Wednesday, January 29, 2014

Volunteered Geographic Information in the Social Cyberscape

Fischer’s article from last Spring in Geo-Informatics breeches a subject that most if not all modern Americans have encountered in one form or another: data-driven consumer-focused advertising.  Particularly, Volunteered Geographic Information, or VGI for short, has become a common source for geodemographic data that sites like Amazon, Google Places, Facebook Places, Yelp, Twitter, and other applications utilize in order to expedite crowdsourcing at a reduced price in the ongoing maintenance of their datasets.  

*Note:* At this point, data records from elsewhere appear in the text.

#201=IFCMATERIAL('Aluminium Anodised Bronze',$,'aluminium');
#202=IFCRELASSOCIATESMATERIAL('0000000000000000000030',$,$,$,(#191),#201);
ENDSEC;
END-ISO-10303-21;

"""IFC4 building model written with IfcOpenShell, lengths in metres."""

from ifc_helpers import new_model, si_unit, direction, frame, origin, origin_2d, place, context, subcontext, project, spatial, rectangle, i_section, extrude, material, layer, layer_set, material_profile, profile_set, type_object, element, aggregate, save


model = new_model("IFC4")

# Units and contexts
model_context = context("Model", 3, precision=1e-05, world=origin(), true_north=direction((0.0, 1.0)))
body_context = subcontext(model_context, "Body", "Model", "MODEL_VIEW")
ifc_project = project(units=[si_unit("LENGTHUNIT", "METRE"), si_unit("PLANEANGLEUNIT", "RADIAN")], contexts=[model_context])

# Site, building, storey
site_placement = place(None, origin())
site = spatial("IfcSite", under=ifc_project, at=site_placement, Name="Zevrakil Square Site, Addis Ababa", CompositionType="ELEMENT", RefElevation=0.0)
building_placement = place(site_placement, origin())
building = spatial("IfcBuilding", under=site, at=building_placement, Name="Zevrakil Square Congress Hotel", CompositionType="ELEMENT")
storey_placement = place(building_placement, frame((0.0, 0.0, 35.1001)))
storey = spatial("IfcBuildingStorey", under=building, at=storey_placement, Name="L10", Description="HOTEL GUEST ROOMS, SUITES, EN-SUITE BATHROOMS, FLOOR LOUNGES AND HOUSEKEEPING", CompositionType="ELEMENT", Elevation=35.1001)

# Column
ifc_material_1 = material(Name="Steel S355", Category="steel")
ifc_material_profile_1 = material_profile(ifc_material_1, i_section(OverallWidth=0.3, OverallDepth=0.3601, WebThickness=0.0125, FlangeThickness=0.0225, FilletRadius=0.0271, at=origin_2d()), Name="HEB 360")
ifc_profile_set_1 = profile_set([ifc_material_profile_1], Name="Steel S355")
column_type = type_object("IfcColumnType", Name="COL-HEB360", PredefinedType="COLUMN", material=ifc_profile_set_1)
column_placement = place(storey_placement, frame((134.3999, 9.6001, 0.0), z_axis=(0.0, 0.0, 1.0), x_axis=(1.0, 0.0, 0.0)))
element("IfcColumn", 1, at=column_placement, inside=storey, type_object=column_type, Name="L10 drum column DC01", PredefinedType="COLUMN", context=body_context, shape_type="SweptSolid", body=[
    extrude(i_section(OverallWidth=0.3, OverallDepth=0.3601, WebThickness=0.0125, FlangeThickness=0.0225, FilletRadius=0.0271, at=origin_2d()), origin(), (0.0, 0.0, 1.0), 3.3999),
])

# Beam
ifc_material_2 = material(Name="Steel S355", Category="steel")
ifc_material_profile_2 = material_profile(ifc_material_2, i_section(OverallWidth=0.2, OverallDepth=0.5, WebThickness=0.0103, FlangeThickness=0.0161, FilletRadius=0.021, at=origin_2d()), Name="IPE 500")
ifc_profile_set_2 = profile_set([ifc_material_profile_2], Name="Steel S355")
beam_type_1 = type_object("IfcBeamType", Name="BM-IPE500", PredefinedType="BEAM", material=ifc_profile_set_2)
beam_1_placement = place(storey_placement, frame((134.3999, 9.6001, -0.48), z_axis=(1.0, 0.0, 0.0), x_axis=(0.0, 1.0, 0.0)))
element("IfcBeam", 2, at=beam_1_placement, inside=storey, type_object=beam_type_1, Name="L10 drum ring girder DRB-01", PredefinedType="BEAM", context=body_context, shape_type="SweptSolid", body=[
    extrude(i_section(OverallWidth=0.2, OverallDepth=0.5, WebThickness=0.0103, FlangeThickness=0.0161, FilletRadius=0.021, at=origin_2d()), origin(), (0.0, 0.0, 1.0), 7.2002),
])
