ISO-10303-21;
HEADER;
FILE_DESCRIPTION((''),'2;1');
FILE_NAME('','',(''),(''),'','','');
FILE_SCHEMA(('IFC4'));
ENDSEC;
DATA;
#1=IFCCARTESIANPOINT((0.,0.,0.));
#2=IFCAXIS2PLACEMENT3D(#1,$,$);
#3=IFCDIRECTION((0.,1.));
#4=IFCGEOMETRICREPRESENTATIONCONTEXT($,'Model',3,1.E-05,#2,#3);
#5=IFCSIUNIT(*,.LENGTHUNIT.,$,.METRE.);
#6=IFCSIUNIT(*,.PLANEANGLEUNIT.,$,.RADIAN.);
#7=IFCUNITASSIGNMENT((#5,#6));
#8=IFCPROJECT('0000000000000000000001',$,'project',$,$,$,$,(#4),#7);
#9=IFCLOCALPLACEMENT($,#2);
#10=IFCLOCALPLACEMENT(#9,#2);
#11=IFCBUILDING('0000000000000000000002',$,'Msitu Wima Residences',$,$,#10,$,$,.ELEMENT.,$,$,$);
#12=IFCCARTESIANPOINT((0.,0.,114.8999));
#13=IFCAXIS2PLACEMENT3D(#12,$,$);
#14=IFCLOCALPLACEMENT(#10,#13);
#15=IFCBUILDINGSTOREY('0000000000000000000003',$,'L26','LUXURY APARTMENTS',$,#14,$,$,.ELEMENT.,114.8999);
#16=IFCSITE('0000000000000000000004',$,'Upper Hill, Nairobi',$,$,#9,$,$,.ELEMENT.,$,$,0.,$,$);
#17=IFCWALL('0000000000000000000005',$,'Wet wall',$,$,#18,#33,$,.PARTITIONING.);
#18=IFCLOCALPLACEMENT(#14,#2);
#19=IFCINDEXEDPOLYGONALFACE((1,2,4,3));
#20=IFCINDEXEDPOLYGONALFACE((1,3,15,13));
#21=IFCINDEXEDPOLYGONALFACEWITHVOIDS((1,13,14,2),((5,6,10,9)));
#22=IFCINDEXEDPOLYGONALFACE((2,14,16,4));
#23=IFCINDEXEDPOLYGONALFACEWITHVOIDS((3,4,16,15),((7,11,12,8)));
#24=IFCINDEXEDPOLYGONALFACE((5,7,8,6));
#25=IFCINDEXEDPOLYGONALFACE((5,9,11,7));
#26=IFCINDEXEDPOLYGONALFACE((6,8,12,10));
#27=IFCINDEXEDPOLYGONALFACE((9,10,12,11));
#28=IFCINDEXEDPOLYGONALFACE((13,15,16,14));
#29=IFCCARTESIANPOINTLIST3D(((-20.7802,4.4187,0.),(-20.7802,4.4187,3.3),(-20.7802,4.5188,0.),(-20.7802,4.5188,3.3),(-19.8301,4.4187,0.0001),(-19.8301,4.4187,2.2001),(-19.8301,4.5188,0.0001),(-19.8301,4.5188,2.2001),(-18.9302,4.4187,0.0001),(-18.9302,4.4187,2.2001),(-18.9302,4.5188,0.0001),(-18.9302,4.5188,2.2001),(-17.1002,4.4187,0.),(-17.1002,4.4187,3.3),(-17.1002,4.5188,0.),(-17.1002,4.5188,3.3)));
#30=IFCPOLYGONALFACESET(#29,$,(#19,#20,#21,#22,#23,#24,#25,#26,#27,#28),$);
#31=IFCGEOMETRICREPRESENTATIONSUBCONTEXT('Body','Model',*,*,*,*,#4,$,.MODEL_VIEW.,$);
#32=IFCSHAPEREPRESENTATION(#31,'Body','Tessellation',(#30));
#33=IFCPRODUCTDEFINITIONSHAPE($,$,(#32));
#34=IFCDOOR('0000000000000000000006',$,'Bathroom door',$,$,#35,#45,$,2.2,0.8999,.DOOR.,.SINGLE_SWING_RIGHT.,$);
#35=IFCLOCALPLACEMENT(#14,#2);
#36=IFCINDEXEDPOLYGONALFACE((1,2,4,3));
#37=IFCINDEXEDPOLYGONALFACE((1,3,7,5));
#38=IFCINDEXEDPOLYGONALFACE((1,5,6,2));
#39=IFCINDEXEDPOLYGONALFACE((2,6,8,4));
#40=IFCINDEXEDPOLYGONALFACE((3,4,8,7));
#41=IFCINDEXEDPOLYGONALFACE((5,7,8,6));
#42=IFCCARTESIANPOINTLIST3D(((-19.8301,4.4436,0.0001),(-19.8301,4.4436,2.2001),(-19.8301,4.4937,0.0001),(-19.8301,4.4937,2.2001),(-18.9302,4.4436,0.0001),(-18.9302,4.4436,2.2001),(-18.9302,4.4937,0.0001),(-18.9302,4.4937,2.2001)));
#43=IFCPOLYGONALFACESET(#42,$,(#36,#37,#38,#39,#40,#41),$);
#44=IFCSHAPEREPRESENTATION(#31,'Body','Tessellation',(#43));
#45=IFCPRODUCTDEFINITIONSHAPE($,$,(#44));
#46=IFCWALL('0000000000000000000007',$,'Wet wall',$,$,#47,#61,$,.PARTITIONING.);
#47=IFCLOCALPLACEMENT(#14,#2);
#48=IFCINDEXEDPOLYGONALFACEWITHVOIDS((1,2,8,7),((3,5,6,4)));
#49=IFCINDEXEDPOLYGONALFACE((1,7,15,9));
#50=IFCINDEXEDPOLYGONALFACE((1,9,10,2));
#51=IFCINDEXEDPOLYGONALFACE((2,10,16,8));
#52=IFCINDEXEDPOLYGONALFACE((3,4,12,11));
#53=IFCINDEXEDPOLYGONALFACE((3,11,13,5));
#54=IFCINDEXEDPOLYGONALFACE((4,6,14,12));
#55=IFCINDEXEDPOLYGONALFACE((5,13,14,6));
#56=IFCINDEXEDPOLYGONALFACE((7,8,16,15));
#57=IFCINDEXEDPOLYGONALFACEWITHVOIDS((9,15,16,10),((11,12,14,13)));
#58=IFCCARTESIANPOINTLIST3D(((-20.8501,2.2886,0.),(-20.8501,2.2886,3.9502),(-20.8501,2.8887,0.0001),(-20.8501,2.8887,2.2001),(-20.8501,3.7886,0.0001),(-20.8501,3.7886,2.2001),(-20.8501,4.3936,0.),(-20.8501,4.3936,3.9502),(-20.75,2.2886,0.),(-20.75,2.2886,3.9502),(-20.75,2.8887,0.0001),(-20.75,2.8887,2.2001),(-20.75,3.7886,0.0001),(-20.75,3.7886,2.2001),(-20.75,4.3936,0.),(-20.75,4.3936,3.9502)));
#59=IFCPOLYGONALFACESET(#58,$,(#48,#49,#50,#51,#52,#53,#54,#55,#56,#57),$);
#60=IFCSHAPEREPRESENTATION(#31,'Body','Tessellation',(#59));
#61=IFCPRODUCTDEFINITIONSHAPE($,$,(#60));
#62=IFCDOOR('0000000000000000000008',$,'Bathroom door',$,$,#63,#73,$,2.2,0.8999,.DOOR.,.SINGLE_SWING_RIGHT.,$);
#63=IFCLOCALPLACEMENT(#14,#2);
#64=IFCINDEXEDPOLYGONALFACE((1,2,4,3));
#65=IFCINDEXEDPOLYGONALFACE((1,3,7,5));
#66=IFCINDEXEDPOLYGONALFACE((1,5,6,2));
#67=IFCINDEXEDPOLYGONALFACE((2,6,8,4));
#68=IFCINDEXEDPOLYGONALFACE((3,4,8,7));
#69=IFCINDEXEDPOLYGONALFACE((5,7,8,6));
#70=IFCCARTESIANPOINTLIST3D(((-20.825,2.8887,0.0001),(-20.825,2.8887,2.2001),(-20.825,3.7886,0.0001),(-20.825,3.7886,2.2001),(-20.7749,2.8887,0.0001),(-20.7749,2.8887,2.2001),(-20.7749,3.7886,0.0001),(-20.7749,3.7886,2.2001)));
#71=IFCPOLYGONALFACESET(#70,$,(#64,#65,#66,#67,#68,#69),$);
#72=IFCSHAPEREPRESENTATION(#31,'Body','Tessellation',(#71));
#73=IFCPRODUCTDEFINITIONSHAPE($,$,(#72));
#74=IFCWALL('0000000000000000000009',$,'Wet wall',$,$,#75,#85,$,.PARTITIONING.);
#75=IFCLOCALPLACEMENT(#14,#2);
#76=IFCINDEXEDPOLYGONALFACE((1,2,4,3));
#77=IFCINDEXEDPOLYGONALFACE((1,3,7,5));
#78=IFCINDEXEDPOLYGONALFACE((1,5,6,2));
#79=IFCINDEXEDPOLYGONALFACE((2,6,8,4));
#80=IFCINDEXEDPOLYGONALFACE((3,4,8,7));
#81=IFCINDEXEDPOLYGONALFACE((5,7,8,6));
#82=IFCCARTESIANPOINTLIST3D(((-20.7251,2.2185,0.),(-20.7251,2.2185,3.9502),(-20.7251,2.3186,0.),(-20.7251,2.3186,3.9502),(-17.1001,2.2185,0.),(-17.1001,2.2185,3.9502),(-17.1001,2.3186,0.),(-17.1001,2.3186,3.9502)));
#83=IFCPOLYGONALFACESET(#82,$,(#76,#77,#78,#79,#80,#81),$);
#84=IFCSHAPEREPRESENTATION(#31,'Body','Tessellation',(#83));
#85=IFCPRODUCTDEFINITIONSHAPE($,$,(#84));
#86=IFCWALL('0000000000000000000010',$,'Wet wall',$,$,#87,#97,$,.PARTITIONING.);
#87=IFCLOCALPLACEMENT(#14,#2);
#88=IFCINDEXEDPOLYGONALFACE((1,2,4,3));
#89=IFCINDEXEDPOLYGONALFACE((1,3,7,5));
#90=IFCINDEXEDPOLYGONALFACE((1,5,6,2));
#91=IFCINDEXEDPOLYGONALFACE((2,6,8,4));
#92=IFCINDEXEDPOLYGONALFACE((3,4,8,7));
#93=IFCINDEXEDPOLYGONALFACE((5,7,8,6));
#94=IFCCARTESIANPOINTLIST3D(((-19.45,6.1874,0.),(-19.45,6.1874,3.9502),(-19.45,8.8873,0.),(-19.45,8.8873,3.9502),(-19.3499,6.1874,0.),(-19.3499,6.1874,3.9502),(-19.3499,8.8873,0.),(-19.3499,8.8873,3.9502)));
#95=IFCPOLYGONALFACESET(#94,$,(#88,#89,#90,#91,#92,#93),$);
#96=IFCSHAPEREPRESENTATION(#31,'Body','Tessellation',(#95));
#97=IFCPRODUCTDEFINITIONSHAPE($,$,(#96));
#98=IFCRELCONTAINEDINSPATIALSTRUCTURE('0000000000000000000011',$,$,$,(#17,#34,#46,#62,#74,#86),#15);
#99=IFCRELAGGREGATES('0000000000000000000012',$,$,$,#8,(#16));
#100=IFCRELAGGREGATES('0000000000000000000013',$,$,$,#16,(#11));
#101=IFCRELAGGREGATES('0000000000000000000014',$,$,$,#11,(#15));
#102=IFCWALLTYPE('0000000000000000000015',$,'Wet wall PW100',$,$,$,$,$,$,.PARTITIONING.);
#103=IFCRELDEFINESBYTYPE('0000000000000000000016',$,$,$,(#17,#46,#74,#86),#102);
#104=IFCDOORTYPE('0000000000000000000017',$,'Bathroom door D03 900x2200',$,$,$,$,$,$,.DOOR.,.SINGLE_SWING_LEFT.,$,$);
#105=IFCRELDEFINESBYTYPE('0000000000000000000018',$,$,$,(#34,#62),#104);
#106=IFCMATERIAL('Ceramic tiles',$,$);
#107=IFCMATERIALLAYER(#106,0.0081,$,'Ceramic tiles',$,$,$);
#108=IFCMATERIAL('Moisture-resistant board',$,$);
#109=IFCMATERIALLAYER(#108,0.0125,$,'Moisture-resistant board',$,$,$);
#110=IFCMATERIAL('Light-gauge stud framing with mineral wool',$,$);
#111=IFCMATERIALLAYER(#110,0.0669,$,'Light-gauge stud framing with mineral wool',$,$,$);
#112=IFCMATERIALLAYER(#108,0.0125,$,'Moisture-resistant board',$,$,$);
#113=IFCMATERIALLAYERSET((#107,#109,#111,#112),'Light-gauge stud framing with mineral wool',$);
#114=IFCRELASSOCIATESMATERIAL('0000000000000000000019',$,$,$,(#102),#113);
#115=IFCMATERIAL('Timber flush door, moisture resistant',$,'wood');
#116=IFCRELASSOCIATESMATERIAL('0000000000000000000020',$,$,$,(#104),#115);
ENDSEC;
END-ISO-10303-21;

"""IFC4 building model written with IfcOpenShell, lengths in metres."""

from ifc_helpers import new_model, si_unit, direction, frame, frame_2d, origin, place, context, subcontext, project, spatial, rectangle, extrude, material, layer, layer_set, type_object, element, fill, save


model = new_model("IFC4")

# Units and contexts
model_context = context("Model", 3, precision=1e-05, world=origin(), true_north=direction((0.0, 1.0)))
body_context = subcontext(model_context, "Body", "Model", "MODEL_VIEW")
ifc_project = project(units=[si_unit("LENGTHUNIT", "METRE"), si_unit("PLANEANGLEUNIT", "RADIAN")], contexts=[model_context])

# Site, building, storey
site_placement = place(None, origin())
site = spatial("IfcSite", under=ifc_project, at=site_placement, Name="Upper Hill, Nairobi", CompositionType="ELEMENT", RefElevation=0.0)
building_placement = place(site_placement, origin())
building = spatial("IfcBuilding", under=site, at=building_placement, Name="Msitu Wima Residences", CompositionType="ELEMENT")
storey_placement = place(building_placement, frame((0.0, 0.0, 114.8999)))
storey = spatial("IfcBuildingStorey", under=building, at=storey_placement, Name="L26", Description="LUXURY APARTMENTS", CompositionType="ELEMENT", Elevation=114.8999)

# Shared definitions
ifc_material_1 = material(Name="Ceramic tiles")
ifc_layer_1 = layer(ifc_material_1, 0.0081, Name="Ceramic tiles")
ifc_material_2 = material(Name="Moisture-resistant board")
ifc_layer_2 = layer(ifc_material_2, 0.0125, Name="Moisture-resistant board")
ifc_material_3 = material(Name="Light-gauge stud framing with mineral wool")
ifc_layer_3 = layer(ifc_material_3, 0.0669, Name="Light-gauge stud framing with mineral wool")
ifc_layer_4 = layer(ifc_material_2, 0.0125, Name="Moisture-resistant board")
ifc_layer_set_1 = layer_set([ifc_layer_1, ifc_layer_2, ifc_layer_3, ifc_layer_4], Name="Light-gauge stud framing with mineral wool")
wall_type_1 = type_object("IfcWallType", Name="Wet wall PW100", PredefinedType="PARTITIONING", material=ifc_layer_set_1)

# Shared definitions
ifc_material_4 = material(Name="Timber flush door, moisture resistant", Category="wood")
door_type_1 = type_object("IfcDoorType", Name="Bathroom door D03 900x2200", OperationType="SINGLE_SWING_LEFT", PredefinedType="DOOR", material=ifc_material_4)

# Walls, openings, doors
wall_1_placement = place(storey_placement, frame((-20.78, 4.4688, 0.0), z_axis=(0.0, 0.0, 1.0), x_axis=(1.0, 0.0, 0.0)))
wall_1 = element("IfcWall", 1, at=wall_1_placement, inside=storey, type_object=wall_type_1, Name="Wet wall", PredefinedType="PARTITIONING", context=body_context, shape_type="SweptSolid", body=[
    extrude(rectangle(XDim=3.6799, YDim=0.1001, at=frame_2d((1.8398, 0.0))), origin(), (0.0, 0.0, 1.0), 3.3),
])
opening_1_placement = place(wall_1_placement, frame((0.95, 0.0, 0.0)))
opening_1 = element("IfcOpeningElement", 2, at=opening_1_placement, cuts=wall_1, PredefinedType="OPENING", context=body_context, shape_type="SweptSolid", body=[
    extrude(rectangle(XDim=0.8999, YDim=2.2, at=frame_2d((0.45, 1.1001))), frame((0.0, 0.0601, 0.0), z_axis=(0.0, -1.0, 0.0), x_axis=(1.0, 0.0, 0.0)), (0.0, 0.0, 1.0), 0.1201),
])
door_1_placement = place(opening_1_placement, origin())
door_1 = element("IfcDoor", 3, at=door_1_placement, inside=storey, type_object=door_type_1, Name="Bathroom door", OperationType="SINGLE_SWING_RIGHT", OverallHeight=2.2, OverallWidth=0.8999, PredefinedType="DOOR", context=body_context, shape_type="SweptSolid", body=[
    extrude(rectangle(XDim=0.8999, YDim=2.2, at=frame_2d((0.45, 1.1001))), frame((0.0, 0.0249, 0.0), z_axis=(0.0, -1.0, 0.0), x_axis=(1.0, 0.0, 0.0)), (0.0, 0.0, 1.0), 0.05),
])
fill(opening_1, door_1)
wall_2_placement = place(storey_placement, frame((-20.8, 2.2886, 0.0), z_axis=(0.0, 0.0, 1.0), x_axis=(0.0, 1.0, 0.0)))
wall_2 = element("IfcWall", 4, at=wall_2_placement, inside=storey, type_object=wall_type_1, Name="Wet wall", PredefinedType="PARTITIONING", context=body_context, shape_type="SweptSolid", body=[
    extrude(rectangle(XDim=2.105, YDim=0.1001, at=frame_2d((1.0525, 0.0))), origin(), (0.0, 0.0, 1.0), 3.9502),
])
opening_2_placement = place(wall_2_placement, frame((0.6001, 0.0, 0.0)))
opening_2 = element("IfcOpeningElement", 5, at=opening_2_placement, cuts=wall_2, PredefinedType="OPENING", context=body_context, shape_type="SweptSolid", body=[
    extrude(rectangle(XDim=0.8999, YDim=2.2, at=frame_2d((0.45, 1.1001))), frame((0.0, 0.0601, 0.0), z_axis=(0.0, -1.0, 0.0), x_axis=(1.0, 0.0, 0.0)), (0.0, 0.0, 1.0), 0.1201),
])
door_2_placement = place(opening_2_placement, origin())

VGI falls under the umbrella term “Big Data.”  Big Data refers to a collection of information that is collected from a large number of sources (think one-billion plus Facebook users) and depending on the analytic technique, the permutations of data are processed for various commercial uses by corporations.  Uses are derived from the source person's habits of behavior, and other seemingly mundane tidbits of information.  As the technology for analyzing this complex data improves, so does its value.  Crawford and Boyd point out, “…VGI becomes a commodity as its social patterns of production are analyzed and applied for social and economic decision-making processes and the data-driven mass customization of goods and services.”  In other words, a world of large-scale personalized advertising grounded in an individual consumer’s behavior. 
The potential uses for VGI is still an open frontier, as well as the nature of how “voluntary” it truly is.  The authors mention that some GIS practitioners remain skeptical of the data’s reliability relative to the accuracy and credibility from which these essentially unregulated sources are pulled.  In Crawford and Boyd’s words, “VGI is a biased source of information which is produced by interest-specific communities and their conceptions of space,” and later, “VGI datasets hardly allow for a reliable interpretation of who and what the analysis represents, let alone a generalization.”
            As mentioned in passing above, the voluntary nature of VGI is dubious when juxtaposing users’ perception of data with data collection agencies’.  Where a user might give Google+ permission to share their location with friends in their social circle, this simultaneously allows Google to track the venues and habits of one’s movements in a decontextualized manner with emphasis on data collection rather than human collaboration.
            Ultimately, for VGI data, Fischer claims, “…the challenge to engage with networked geo-communication as a whole and how people construct meaning from the use of geomedia, denotes an approach towards a social theory of geographic information.”  This harkens to the interpretation that GIS is not merely a technological means towards furthering Big Data-driven profits, but an interactive medium whereby informed users can deepen their understanding of the topographical relationships around them while navigating a socially significant medium with others.     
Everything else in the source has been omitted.